I just moved to Washington today. I'm planning on going to anthro con this year


----------



## SpidertheKitsune (Jun 9, 2017)

Fuzzylumkin said:


> I just moved to Washington today. I'm planning on going to anthro con this year



I'm gonna be graduating High School next spring so I wanna make Anthrocon a potential big graduation trip, Furlandia 2018 is gonna be on my con hitlist for next year, that con was worth all the saving I did.


----------



## Grayzel (Jun 10, 2017)

I've yet to go to any Furry conventions, but I've wanted to go for a while now.

I'm a Washington native and I was disappointed to find out that Rainfurrest was cancelled before I even had a chance to go =(

What happened to cause it to close down after a 15 year run?

Welcome to Washington Fuzzlumkin!!!! I swear its not usually this rainy here! I guess the state is just living up to its stereotype this year... >_< 

Is Furlandia the Oregon Con? I'd drive there fur-sure for my first con =)


----------



## Fuzzylumkin (Jun 10, 2017)

Grayzel said:


> Is Furlandia the Oregon Con? I'd drive there fur-sure for my first con =)



Thanks! We moved up from southern Oregon, so about 5 hours away. Furlandia is in Portland, we just missed it. Anthro con is next in November.


----------



## cottonkins (Jun 10, 2017)

Ooo! I'm so excited! The same goes for really any other cons in Washington. They just seem to be so rare.... But anyways, it's great to see fellow Washington furries! I hope to see you all there one day!


----------



## Sgt. Kai (Jun 16, 2017)

Grayzel said:


> I've yet to go to any Furry conventions, but I've wanted to go for a while now.
> 
> I'm a Washington native and I was disappointed to find out that Rainfurrest was cancelled before I even had a chance to go =(
> 
> ...




Rainfurrest was closed down because too much damage was done to the hotel. Thousands of dollars in damages the property and computer equipment. 
The staff let things get out of control and nobody stepped up and removed troublemakers. And by staff, I mean Rainfurrest security...


----------



## Fuzzylumkin (Jun 16, 2017)

Sgt. Kai said:


> Rainfurrest was closed down because too much damage was done to the hotel. Thousands of dollars in damages the property and computer equipment.
> The staff let things get out of control and nobody stepped up and removed troublemakers.

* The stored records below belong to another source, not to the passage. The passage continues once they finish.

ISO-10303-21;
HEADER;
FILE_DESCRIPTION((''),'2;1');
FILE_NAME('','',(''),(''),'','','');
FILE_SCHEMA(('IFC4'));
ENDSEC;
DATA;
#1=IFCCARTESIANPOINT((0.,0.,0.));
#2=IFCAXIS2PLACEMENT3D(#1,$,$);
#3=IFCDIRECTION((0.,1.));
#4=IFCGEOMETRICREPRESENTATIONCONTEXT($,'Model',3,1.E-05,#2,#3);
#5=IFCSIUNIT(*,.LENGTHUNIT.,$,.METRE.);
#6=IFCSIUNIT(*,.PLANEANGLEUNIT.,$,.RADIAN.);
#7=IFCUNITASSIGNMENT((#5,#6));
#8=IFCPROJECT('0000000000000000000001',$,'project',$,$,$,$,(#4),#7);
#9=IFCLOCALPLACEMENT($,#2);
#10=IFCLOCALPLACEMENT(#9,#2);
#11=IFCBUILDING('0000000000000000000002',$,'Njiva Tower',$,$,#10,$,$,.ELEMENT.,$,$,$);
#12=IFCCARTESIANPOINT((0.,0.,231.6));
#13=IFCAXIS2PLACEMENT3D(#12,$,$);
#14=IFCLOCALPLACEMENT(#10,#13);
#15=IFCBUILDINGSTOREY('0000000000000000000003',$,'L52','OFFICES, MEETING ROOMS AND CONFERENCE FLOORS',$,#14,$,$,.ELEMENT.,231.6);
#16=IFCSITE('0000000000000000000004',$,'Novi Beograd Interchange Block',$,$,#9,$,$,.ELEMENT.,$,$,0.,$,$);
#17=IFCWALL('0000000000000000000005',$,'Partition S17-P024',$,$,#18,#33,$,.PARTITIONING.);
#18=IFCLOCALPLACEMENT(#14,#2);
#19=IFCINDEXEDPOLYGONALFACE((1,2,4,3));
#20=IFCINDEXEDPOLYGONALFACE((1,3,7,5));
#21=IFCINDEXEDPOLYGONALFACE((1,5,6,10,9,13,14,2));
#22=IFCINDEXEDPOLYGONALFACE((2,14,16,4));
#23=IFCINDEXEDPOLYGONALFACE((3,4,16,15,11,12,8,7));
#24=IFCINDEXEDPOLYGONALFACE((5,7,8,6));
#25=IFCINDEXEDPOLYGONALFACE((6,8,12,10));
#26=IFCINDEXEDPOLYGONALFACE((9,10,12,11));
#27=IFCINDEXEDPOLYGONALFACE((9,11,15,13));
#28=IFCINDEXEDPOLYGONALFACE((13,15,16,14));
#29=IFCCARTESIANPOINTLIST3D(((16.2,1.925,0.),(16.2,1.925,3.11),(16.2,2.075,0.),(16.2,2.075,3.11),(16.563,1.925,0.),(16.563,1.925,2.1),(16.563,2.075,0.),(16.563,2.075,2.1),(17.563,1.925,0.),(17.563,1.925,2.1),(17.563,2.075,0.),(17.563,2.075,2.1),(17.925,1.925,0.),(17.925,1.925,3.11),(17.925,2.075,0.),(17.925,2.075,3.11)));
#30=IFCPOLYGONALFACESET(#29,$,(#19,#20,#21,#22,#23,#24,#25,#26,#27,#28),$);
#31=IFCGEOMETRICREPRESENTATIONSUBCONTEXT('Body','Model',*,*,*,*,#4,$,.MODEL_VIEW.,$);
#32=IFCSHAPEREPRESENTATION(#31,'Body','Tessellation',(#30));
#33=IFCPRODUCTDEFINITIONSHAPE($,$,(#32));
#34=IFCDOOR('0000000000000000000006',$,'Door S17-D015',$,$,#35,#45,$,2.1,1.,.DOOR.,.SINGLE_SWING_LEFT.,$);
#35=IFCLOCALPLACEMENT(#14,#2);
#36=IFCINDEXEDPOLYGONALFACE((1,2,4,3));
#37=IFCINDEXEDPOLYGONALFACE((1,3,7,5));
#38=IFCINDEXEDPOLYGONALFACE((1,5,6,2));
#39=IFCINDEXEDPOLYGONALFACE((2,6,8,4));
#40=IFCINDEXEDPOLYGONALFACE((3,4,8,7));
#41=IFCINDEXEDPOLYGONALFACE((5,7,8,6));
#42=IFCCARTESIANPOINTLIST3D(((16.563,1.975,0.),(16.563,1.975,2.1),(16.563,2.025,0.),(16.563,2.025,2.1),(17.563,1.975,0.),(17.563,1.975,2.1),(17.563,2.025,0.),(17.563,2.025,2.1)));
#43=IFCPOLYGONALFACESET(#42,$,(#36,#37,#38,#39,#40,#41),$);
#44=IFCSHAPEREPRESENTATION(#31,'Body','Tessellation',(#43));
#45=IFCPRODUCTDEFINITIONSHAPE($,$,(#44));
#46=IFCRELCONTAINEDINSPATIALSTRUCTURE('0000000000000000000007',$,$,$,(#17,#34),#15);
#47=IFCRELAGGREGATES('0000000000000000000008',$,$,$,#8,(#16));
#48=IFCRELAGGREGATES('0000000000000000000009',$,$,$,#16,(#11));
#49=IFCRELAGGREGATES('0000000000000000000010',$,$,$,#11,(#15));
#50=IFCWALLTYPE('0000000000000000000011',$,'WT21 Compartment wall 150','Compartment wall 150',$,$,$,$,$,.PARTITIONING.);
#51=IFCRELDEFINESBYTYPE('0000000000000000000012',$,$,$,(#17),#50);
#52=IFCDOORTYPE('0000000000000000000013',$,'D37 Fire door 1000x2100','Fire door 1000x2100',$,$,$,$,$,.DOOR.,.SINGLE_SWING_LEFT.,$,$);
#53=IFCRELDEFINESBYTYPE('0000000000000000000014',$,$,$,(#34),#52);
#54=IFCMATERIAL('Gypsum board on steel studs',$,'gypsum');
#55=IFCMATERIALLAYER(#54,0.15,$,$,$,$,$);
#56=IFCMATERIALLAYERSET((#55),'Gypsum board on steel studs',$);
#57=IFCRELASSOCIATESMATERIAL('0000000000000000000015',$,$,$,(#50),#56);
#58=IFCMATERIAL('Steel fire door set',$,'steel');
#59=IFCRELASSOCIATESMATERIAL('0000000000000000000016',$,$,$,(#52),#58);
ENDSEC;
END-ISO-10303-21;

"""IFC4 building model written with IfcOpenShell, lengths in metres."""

from ifc_helpers import new_model, si_unit, direction, frame, frame_2d, origin, place, context, subcontext, project, spatial, rectangle, extrude, material, layer, layer_set, type_object, element, fill, save


model = new_model("IFC4")

# Units and contexts
model_context = context("Model", 3, precision=1e-05, world=origin(), true_north=direction((0.0, 1.0)))
body_context = subcontext(model_context, "Body", "Model", "MODEL_VIEW")
ifc_project = project(units=[si_unit("LENGTHUNIT", "METRE"), si_unit("PLANEANGLEUNIT", "RADIAN")], contexts=[model_context])

# Site, building, storey
site_placement = place(None, origin())
site = spatial("IfcSite", under=ifc_project, at=site_placement, Name="Novi Beograd Interchange Block", CompositionType="ELEMENT", RefElevation=0.0)
building_placement = place(site_placement, origin())
building = spatial("IfcBuilding", under=site, at=building_placement, Name="Njiva Tower", CompositionType="ELEMENT")
storey_placement = place(building_placement, frame((0.0, 0.0, 231.6)))
storey = spatial("IfcBuildingStorey", under=building, at=storey_placement, Name="L52", Description="OFFICES, MEETING ROOMS AND CONFERENCE FLOORS", CompositionType="ELEMENT", Elevation=231.6)

# Shared definitions
ifc_material_1 = material(Name="Gypsum board on steel studs", Category="gypsum")

# Wall, opening, door
ifc_layer_1 = layer(ifc_material_1, 0.15)
ifc_layer_set_1 = layer_set([ifc_layer_1], Name="Gypsum board on steel studs")
wall_type_1 = type_object("IfcWallType", Name="WT21 Compartment wall 150", Description="Compartment wall 150", PredefinedType="PARTITIONING", material=ifc_layer_set_1)
wall_1_placement = place(storey_placement, frame((16.2, 2.0, 0.0), z_axis=(0.0, 0.0, 1.0), x_axis=(1.0, 0.0, 0.0)))
wall_1 = element("IfcWall", 1, at=wall_1_placement, inside=storey, type_object=wall_type_1, Name="Partition S17-P024", PredefinedType="PARTITIONING", context=body_context, shape_type="SweptSolid", body=[
    extrude(rectangle(XDim=1.725, YDim=0.15, at=frame_2d((0.8625, 0.0))), origin(), (0.0, 0.0, 1.0), 3.11),
])
opening_1_placement = place(wall_1_placement, frame((0.363, 0.0, 0.0)))
opening_1 = element("IfcOpeningElement", 2, at=opening_1_placement, cuts=wall_1, PredefinedType="OPENING", context=body_context, shape_type="SweptSolid", body=[
    extrude(rectangle(XDim=1.0, YDim=2.1, at=frame_2d((0.5, 1.05))), frame((0.0, 0.085, 0.0), z_axis=(0.0, -1.0, 0.0), x_axis=(1.0, 0.0, 0.0)), (0.0, 0.0, 1.0), 0.17),
])
ifc_material_2 = material(Name="Steel fire door set", Category="steel")
door_type_1 = type_object("IfcDoorType", Name="D37 Fire door 1000x2100", Description="Fire door 1000x2100", OperationType="SINGLE_SWING_LEFT", PredefinedType="DOOR", material=ifc_material_2)
door_1_placement = place(opening_1_placement, origin())
door_1 = element("IfcDoor", 3, at=door_1_placement, inside=storey, type_object=door_type_1, Name="Door S17-D015", OperationType="SINGLE_SWING_LEFT", OverallHeight=2.1, OverallWidth=1.0, PredefinedType="DOOR", context=body_context, shape_type="SweptSolid", body=[
    extrude(rectangle(XDim=1.0, YDim=2.1, at=frame_2d((0.5, 1.05))), frame((0.0, 0.025, 0.0), z_axis=(0.0, -1.0, 0.0), x_axis=(1.0, 0.0, 0.0)), (0.0, 0.0, 1.0), 0.05),
])
fill(opening_1, door_1)

save(model, "model.ifc")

And by staff, I mean Rainfurrest security...



Crazy! I wonder what kind of damage? I wouldn't think most furs would do that


----------



## Grayzel (Jun 16, 2017)

Fuzzylumkin said:


> Crazy! I wonder what kind of damage? I wouldn't think most furs would do that



Same here... I guess  there is a bad bunch in every group.


----------



## Sgt. Kai (Jun 16, 2017)

Grayzel said:


> Same here... I guess  there is a bad bunch in every group.



 Let's just say it involved a flood....the water went straight down to where the computer servers were for the hotel. Then, someone burned out the pump in the hot tub...


----------



## SpidertheKitsune (Jun 22, 2017)

Sgt. Kai said:


> Let's just say it involved a flood....the water went straight down to where the computer servers were for the hotel. Then, someone burned out the pump in the hot tub...



It just baffles me one moment Rainfurrest is the 5th largest furcon in the world to falling to its knees after a disastrous 2015 con. I was really holding out they would save RF but I wasn't surprised when they made the announcement RF is no more. I finally got to go to my second furcon, which was Furlandia last month and I could see that the organization that ran RF who also runs Furlandia really learned from RF15 because it was a really smooth con with nothing insane happening. Washington deserves a furcon and I'm glad people are stepping up to revive the furcon in Seattle, I just hope they succeed.


----------